Wegen dauerhafter Trafoausfälle in Songo war Betrieb mit voller Spannung auf beiden Polen
seit Anfang der 1980er Jahre nicht mehr möglich. Beide Stationen haben jeweils eine
Glättungsdrossel verloren. Eskom hat eine neue Drossel bestellt; HCB will Öldrosseln durch
je drei Luftdrosseln/Pol ersetzen. Apollo hat jeweils einen Satz Transformatoren für Brücke
5/6 und 7/8 geordert, um eventuellen Ausfällen vorzubeugen. Zahlreiche Ausfälle an Öl
gefüllten Papier-Gleichspannungs-Durchführungen sowohl in Songo als auch in Apollo
machen Probleme.
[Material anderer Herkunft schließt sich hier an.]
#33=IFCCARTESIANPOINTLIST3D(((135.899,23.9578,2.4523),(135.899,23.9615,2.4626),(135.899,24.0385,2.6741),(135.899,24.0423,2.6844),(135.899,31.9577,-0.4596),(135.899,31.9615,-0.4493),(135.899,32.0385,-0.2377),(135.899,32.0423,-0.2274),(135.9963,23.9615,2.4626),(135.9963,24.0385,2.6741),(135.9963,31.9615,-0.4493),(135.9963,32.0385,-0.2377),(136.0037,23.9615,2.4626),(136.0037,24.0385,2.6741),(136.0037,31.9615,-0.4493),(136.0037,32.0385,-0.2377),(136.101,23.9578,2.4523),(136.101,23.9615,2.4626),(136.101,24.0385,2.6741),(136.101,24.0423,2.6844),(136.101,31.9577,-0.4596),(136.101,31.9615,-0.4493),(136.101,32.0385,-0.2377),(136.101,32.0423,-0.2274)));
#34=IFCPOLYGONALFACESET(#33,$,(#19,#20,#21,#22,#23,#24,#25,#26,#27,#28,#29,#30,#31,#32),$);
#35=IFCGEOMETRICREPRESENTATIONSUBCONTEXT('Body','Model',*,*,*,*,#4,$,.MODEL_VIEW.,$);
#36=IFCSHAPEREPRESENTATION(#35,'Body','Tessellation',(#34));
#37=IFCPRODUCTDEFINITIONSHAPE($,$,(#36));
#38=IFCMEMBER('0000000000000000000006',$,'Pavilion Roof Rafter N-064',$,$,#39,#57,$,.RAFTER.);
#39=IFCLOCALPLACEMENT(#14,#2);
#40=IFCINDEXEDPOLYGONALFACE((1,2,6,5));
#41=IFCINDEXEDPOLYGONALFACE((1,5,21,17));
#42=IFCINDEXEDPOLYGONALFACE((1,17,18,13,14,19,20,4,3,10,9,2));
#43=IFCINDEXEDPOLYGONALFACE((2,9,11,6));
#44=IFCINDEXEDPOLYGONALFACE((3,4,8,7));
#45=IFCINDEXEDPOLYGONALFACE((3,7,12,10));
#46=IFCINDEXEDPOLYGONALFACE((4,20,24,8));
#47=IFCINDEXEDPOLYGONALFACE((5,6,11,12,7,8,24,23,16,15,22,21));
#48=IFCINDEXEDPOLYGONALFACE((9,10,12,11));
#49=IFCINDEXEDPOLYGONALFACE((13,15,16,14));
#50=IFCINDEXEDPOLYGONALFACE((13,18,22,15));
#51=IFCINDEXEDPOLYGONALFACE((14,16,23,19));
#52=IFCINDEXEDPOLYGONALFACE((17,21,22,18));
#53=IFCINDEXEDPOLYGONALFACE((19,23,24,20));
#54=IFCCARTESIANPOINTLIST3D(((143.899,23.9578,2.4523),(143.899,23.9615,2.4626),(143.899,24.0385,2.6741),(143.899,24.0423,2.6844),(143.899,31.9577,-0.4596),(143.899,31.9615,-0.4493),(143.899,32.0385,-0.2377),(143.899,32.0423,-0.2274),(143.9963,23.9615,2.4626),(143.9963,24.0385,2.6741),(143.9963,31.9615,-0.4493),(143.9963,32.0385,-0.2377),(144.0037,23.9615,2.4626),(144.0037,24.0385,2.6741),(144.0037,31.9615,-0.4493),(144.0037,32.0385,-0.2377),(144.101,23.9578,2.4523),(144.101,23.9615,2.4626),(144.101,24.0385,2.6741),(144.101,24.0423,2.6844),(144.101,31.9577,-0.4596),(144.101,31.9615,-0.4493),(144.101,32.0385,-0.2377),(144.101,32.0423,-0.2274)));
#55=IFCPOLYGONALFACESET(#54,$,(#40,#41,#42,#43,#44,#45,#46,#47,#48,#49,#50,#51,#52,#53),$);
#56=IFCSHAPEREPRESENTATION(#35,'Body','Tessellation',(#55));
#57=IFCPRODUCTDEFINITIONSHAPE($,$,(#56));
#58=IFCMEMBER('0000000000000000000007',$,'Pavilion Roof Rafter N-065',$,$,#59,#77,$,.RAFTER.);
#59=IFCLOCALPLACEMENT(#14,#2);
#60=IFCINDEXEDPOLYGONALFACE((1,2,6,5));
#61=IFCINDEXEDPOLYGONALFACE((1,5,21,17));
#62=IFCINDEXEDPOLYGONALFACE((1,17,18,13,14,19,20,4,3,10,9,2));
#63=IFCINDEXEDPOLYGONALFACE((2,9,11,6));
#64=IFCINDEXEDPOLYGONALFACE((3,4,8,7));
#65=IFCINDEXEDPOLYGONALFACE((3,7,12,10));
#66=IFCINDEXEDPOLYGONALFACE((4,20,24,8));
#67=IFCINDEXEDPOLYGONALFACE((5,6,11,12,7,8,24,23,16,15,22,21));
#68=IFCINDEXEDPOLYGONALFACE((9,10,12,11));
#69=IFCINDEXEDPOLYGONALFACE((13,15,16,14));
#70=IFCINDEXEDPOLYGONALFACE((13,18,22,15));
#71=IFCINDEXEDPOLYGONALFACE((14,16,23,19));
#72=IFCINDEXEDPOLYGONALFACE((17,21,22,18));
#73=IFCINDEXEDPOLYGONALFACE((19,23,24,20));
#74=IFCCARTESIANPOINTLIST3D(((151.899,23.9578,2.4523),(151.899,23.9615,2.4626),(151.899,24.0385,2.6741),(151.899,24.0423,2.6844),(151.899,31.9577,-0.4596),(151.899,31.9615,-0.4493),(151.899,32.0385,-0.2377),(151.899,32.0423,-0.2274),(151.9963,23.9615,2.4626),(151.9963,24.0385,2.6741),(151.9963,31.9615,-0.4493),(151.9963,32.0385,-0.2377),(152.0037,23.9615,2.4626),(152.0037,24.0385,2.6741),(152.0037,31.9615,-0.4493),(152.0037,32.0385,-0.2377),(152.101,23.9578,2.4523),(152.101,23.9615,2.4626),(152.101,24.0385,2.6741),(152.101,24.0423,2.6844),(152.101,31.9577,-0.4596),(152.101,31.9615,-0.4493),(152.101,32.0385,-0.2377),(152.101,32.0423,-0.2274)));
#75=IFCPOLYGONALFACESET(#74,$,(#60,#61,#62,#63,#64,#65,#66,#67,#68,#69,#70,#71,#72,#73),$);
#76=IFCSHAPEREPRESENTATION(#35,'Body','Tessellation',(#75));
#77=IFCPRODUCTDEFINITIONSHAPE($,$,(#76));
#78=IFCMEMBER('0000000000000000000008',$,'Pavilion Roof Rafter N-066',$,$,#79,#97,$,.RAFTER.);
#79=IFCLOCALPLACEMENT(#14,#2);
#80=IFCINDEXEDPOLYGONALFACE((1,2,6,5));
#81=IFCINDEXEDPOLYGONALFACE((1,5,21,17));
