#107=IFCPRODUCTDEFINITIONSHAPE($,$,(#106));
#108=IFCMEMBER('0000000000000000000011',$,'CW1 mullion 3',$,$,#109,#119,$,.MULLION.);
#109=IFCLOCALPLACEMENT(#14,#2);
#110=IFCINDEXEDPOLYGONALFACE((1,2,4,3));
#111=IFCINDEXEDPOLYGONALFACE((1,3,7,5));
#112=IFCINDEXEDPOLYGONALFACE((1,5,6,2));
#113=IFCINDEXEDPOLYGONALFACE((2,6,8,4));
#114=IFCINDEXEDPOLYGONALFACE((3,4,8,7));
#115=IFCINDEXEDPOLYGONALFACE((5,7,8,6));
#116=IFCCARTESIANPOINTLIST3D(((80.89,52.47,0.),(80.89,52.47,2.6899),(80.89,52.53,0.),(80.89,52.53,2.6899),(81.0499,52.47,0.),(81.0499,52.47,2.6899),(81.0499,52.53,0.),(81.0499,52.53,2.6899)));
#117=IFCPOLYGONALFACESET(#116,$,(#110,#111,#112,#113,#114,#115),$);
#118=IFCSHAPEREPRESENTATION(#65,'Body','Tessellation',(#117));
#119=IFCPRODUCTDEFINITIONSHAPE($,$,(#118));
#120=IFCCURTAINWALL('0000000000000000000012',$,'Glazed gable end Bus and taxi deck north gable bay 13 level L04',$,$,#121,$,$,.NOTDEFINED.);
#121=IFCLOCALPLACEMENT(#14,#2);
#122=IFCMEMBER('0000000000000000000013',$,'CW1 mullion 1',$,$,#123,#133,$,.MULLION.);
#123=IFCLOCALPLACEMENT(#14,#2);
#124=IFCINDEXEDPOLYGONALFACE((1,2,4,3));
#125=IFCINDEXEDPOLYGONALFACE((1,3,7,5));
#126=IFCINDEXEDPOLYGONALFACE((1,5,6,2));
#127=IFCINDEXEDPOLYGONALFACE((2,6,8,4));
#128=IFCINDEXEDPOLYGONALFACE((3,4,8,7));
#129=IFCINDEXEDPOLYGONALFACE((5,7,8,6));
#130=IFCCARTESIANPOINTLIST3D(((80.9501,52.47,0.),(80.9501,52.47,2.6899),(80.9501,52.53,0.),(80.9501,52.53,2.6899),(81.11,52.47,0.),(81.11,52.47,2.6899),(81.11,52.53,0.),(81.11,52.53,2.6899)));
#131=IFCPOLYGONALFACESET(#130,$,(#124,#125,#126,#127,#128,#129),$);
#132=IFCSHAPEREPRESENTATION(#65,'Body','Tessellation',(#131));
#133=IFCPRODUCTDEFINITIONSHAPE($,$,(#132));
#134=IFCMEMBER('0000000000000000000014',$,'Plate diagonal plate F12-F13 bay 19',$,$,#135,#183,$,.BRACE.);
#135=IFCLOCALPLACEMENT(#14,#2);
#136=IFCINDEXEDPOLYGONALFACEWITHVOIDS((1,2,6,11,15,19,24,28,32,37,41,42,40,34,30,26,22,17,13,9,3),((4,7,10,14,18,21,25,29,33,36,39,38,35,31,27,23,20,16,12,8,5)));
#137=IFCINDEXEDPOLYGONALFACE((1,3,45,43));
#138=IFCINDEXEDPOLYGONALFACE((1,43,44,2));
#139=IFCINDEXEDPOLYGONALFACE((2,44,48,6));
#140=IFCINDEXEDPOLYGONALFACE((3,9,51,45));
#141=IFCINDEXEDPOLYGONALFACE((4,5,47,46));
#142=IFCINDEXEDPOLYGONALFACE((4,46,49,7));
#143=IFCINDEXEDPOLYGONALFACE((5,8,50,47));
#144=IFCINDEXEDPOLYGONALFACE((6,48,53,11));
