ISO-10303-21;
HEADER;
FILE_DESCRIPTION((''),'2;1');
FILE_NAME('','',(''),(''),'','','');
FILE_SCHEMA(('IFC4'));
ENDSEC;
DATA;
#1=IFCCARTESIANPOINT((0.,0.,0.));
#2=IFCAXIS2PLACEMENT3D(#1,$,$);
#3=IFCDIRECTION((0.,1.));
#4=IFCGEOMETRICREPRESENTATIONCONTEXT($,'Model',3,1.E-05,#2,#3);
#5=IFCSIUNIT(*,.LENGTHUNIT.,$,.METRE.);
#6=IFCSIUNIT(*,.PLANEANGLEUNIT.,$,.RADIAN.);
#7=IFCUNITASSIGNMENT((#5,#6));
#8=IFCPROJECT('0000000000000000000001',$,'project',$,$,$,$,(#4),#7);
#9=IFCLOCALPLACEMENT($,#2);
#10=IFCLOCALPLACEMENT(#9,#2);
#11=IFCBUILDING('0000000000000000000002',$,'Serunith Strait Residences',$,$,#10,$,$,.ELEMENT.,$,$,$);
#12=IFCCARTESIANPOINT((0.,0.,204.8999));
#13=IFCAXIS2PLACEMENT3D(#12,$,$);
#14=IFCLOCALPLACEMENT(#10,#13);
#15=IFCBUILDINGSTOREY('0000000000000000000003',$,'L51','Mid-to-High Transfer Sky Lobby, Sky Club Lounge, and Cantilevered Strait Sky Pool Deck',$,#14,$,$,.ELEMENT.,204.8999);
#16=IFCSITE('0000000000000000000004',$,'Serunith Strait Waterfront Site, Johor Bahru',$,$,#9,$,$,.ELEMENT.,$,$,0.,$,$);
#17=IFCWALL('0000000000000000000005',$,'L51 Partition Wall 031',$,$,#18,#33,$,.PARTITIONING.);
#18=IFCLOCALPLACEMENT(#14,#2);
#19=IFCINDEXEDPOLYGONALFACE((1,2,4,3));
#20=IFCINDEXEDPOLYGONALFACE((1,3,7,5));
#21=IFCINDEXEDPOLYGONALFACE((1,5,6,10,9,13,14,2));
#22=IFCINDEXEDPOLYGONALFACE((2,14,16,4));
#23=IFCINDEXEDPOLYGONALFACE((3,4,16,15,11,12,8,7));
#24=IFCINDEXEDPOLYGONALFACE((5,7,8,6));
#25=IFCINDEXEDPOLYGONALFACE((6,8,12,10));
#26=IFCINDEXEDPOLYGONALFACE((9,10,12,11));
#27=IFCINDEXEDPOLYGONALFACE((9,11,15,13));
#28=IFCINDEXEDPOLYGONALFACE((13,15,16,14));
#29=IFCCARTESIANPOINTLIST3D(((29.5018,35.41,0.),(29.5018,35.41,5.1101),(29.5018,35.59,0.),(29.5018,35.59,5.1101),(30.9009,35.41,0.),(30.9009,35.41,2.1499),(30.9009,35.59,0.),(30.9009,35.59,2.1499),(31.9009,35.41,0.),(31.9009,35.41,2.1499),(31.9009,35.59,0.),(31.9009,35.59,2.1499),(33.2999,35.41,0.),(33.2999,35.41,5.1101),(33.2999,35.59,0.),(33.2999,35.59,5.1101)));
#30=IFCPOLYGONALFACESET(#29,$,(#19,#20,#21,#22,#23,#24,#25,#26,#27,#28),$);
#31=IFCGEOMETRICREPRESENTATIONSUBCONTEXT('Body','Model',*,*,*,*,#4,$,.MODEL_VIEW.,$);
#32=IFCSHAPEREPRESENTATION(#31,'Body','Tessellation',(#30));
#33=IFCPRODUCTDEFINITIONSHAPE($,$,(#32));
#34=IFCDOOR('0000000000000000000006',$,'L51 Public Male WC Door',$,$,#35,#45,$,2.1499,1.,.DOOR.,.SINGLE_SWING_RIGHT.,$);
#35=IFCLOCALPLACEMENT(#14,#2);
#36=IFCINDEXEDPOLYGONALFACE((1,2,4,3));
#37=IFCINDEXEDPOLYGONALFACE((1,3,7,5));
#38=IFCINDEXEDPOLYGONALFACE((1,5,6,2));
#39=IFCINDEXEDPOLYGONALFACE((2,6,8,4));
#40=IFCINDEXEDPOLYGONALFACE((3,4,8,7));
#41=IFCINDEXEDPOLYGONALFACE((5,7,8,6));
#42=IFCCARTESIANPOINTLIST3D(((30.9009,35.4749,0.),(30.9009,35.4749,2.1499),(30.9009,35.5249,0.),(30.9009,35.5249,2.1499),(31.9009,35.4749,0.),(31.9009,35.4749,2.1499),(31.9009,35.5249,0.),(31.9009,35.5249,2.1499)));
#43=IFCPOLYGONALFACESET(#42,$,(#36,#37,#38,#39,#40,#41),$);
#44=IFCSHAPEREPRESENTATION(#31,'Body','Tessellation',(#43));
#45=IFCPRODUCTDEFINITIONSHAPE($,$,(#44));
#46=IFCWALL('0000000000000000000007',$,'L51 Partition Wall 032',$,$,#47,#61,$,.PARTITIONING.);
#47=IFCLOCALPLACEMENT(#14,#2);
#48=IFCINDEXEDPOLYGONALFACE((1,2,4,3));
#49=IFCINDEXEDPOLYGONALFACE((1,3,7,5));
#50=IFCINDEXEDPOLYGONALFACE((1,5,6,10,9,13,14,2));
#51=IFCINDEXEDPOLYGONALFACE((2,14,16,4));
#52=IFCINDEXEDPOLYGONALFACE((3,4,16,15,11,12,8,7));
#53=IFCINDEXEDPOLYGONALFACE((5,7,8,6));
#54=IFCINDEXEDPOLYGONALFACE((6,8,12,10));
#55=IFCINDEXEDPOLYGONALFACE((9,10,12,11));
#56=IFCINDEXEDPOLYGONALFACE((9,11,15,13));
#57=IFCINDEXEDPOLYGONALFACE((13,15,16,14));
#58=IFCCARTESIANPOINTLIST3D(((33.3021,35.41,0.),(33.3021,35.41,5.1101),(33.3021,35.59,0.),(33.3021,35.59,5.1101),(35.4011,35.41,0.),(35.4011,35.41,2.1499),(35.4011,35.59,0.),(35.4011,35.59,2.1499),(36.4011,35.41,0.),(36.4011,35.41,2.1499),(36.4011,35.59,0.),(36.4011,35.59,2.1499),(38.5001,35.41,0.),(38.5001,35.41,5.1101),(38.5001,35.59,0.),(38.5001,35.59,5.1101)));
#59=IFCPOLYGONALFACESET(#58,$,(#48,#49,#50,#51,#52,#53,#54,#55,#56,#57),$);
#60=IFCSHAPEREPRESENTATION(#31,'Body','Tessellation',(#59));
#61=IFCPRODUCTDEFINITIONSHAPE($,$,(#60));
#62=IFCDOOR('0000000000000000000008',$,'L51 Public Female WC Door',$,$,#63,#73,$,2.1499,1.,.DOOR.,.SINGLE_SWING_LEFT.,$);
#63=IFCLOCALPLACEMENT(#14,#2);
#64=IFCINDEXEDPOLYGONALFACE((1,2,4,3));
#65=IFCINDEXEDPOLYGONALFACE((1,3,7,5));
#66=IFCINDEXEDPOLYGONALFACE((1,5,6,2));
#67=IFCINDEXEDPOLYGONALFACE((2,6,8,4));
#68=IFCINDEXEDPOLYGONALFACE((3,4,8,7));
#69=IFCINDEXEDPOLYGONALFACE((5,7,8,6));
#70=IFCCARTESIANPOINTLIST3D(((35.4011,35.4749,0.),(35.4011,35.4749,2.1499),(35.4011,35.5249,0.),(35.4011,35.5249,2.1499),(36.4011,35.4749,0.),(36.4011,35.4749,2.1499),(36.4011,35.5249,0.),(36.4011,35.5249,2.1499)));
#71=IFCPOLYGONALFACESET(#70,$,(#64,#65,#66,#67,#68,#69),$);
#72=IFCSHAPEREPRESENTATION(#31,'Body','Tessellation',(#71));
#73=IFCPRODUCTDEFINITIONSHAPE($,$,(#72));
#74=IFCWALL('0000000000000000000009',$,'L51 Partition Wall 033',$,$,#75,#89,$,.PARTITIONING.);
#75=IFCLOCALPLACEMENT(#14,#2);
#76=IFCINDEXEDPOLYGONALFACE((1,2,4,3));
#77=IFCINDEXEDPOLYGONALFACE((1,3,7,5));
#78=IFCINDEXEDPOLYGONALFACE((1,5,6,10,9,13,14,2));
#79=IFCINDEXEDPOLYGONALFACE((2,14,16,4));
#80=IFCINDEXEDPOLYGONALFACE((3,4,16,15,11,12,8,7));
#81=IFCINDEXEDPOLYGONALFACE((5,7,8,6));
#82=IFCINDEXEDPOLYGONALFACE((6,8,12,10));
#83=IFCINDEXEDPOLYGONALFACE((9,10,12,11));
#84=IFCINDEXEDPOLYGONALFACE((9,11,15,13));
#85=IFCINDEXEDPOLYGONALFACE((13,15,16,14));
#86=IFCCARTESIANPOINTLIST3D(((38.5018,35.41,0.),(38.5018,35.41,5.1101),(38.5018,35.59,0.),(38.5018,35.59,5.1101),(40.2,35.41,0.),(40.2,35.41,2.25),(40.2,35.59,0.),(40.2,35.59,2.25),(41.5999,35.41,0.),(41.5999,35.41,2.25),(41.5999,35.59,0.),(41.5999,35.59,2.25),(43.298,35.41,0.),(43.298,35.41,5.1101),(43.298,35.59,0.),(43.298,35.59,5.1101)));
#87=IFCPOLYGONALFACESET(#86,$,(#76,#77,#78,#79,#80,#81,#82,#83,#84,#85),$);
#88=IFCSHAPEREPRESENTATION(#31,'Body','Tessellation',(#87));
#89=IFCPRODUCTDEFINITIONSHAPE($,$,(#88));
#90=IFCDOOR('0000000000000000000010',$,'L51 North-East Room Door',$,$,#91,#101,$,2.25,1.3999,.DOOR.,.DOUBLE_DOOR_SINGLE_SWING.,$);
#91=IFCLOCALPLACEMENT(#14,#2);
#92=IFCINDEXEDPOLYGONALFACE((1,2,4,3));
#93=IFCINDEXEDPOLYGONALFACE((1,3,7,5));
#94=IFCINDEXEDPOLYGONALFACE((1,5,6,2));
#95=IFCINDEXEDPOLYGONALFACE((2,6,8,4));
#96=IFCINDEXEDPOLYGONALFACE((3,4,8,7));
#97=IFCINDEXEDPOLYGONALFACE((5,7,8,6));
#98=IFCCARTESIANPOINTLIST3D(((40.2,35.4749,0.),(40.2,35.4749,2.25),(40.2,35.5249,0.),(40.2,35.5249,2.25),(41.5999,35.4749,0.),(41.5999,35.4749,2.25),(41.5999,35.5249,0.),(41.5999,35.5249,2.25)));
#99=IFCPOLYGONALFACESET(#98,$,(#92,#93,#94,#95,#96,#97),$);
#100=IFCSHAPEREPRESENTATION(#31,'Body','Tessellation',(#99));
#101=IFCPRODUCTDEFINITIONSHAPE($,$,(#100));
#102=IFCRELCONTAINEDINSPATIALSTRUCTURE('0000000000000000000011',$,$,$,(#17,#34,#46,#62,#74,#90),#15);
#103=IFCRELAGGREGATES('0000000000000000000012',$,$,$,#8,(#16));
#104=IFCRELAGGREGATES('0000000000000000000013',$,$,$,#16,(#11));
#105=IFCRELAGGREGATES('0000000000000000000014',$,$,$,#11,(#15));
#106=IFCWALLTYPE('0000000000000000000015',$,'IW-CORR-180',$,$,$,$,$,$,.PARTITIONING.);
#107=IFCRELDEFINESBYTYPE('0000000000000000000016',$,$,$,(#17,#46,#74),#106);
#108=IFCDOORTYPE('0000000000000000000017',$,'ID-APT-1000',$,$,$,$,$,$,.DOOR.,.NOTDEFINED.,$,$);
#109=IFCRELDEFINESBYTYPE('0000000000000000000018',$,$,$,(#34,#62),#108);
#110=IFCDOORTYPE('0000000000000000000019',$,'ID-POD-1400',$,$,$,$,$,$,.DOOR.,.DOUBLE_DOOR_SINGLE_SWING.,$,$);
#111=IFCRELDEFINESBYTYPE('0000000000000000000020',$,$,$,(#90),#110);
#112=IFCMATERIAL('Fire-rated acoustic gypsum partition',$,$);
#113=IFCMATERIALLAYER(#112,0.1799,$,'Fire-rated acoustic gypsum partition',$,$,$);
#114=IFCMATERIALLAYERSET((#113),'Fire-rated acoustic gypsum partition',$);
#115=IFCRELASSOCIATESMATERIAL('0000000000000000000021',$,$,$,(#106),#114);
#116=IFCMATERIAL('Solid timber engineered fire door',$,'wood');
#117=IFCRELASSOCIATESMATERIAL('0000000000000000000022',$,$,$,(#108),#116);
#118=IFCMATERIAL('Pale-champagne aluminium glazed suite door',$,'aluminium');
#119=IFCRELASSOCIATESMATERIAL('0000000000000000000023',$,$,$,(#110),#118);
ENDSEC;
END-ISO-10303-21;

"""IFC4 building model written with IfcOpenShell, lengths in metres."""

from ifc_helpers import new_model, si_unit, direction, frame, frame_2d, origin, place, context, subcontext, project, spatial, rectangle, extrude, source, transform, mapped, material, layer, layer_set, type_object, element, fill, save


model = new_model("IFC4")

# Units and contexts
model_context = context("Model", 3, precision=1e-05, world=origin(), true_north=direction((0.0, 1.0)))
body_context = subcontext(model_context, "Body", "Model", "MODEL_VIEW")
ifc_project = project(units=[si_unit("LENGTHUNIT", "METRE"), si_unit("PLANEANGLEUNIT", "RADIAN")], contexts=[model_context])

# Site, building, storey
site_placement = place(None, origin())
site = spatial("IfcSite", under=ifc_project, at=site_placement, Name="Serunith Strait Waterfront Site, Johor Bahru", CompositionType="ELEMENT", RefElevation=0.0)
building_placement = place(site_placement, origin())
building = spatial("IfcBuilding", under=site, at=building_placement, Name="Serunith Strait Residences", CompositionType="ELEMENT")
storey_placement = place(building_placement, frame((0.0, 0.0, 204.8999)))
storey = spatial("IfcBuildingStorey", under=building, at=storey_placement, Name="L51", Description="Mid-to-High Transfer Sky Lobby, Sky Club Lounge, and Cantilevered Strait Sky Pool Deck", CompositionType="ELEMENT", Elevation=204.8999)

# Shared definitions
ifc_material_1 = material(Name="Fire-rated acoustic gypsum partition")
ifc_layer_1 = layer(ifc_material_1, 0.1799, Name="Fire-rated acoustic gypsum partition")
ifc_layer_set_1 = layer_set([ifc_layer_1], Name="Fire-rated acoustic gypsum partition")
wall_type = type_object("IfcWallType", Name="IW-CORR-180", PredefinedType="PARTITIONING", material=ifc_layer_set_1)

# Walls, openings, doors
wall_1_placement = place(storey_placement, frame((29.502, 35.5, 0.0), z_axis=(0.0, 0.0, 1.0), x_axis=(1.0, 0.0, 0.0)))
wall_1 = element("IfcWall", 1, at=wall_1_placement, inside=storey, type_object=wall_type, Name="L51 Partition Wall 031", PredefinedType="PARTITIONING", context=body_context, shape_type="SweptSolid", body=[
    extrude(rectangle(XDim=3.7981, YDim=0.1799, at=frame_2d((1.8989, 0.0))), origin(), (0.0, 0.0, 1.0), 5.1101),
])
opening_1_placement = place(wall_1_placement, frame((1.3989, 0.0, 0.0)))
opening_1 = element("IfcOpeningElement", 2, at=opening_1_placement, cuts=wall_1, PredefinedType="OPENING", context=body_context, shape_type="SweptSolid", body=[
    extrude(rectangle(XDim=1.0, YDim=2.1499, at=frame_2d((0.5, 1.075))), frame((0.0, 0.1001, 0.0), z_axis=(0.0, -1.0, 0.0), x_axis=(1.0, 0.0, 0.0)), (0.0, 0.0, 1.0), 0.2),
])
ifc_material_2 = material(Name="Solid timber engineered fire door", Category="wood")
door_type_1 = type_object("IfcDoorType", Name="ID-APT-1000", OperationType="NOTDEFINED", PredefinedType="DOOR", material=ifc_material_2)
shared_shape_1 = source(origin(), body_context, "Body", "SweptSolid", [
    extrude(rectangle(XDim=1.0, YDim=2.1499, at=frame_2d((0.5, 1.075))), frame((0.0, 0.0249, 0.0), z_axis=(0.0, -1.0, 0.0), x_axis=(1.0, 0.0, 0.0)), (0.0, 0.0, 1.0), 0.05),
])
door_1_placement = place(opening_1_placement, origin())
door_1 = element("IfcDoor", 3, at=door_1_placement, inside=storey, type_object=door_type_1, Name="L51 Public Male WC Door", OperationType="SINGLE_SWING_RIGHT", OverallHeight=2.1499, OverallWidth=1.0, PredefinedType="DOOR", context=body_context, shape_type="MappedRepresentation", body=[
    mapped(shared_shape_1, transform((0.0, 0.0, 0.0), scale=1.0)),
])
fill(opening_1, door_1)
wall_2_placement = place(storey_placement, frame((33.302, 35.5, 0.0), z_axis=(0.0, 0.0, 1.0), x_axis=(1.0, 0.0, 0.0)))
wall_2 = element("IfcWall", 4, at=wall_2_placement, inside=storey, type_object=wall_type, Name="L51 Partition Wall 032", PredefinedType="PARTITIONING", context=body_context, shape_type="SweptSolid", body=[
    extrude(rectangle(XDim=5.198, YDim=0.1799, at=frame_2d((2.5991, 0.0))), origin(), (0.0, 0.0, 1.0), 5.1101),
])
opening_2_placement = place(wall_2_placement, frame((2.0991, 0.0, 0.0)))
opening_2 = element("IfcOpeningElement", 5, at=opening_2_placement, cuts=wall_2, PredefinedType="OPENING", context=body_context, shape_type="SweptSolid", body=[
    extrude(rectangle(XDim=1.0, YDim=2.1499, at=frame_2d((0.5, 1.075))), frame((0.0, 0.1001, 0.0), z_axis=(0.0, -1.0, 0.0), x_axis=(1.0, 0.0, 0.0)), (0.0, 0.0, 1.0), 0.2),
])
door_2_placement = place(opening_2_placement, origin())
Eine Reserve ist nicht vorhanden. Apollo hat Druckluftschalter gegen
Feder getriebene SF6-Schalter ersetzt. Daher besteht nur noch geringer Bedarf für Druckluft,
da auch Überstromableiter und Signalübertrager eliminiert wurden. DC-yard-Schaltgeräte
werden weiterhin mit Druckluft versorgt.
In Songo sind die Stromrichter häufig wegen Ausfällen von Impulsverstärkern und
Ventilelektronik gestört. Durchschnittlich war ein Ausfall alle ein bis zwei Wochen zu
verzeichnen. Zwei mal 6-Puls-Betrieb der Brücken in Songo führte zu Filterabschaltungen mit
entsprechender Reduzierung der zu übertragenden Leistung. Der Betrieb mit 533 kV ab 2007
hat nur etwa zu 75 % stattgefunden. In der vorangegangenen Phase war der Anteil noch
geringer wegen zeitlicher Überlappung von Ventil-Reparaturen und Transformator-Fehlern.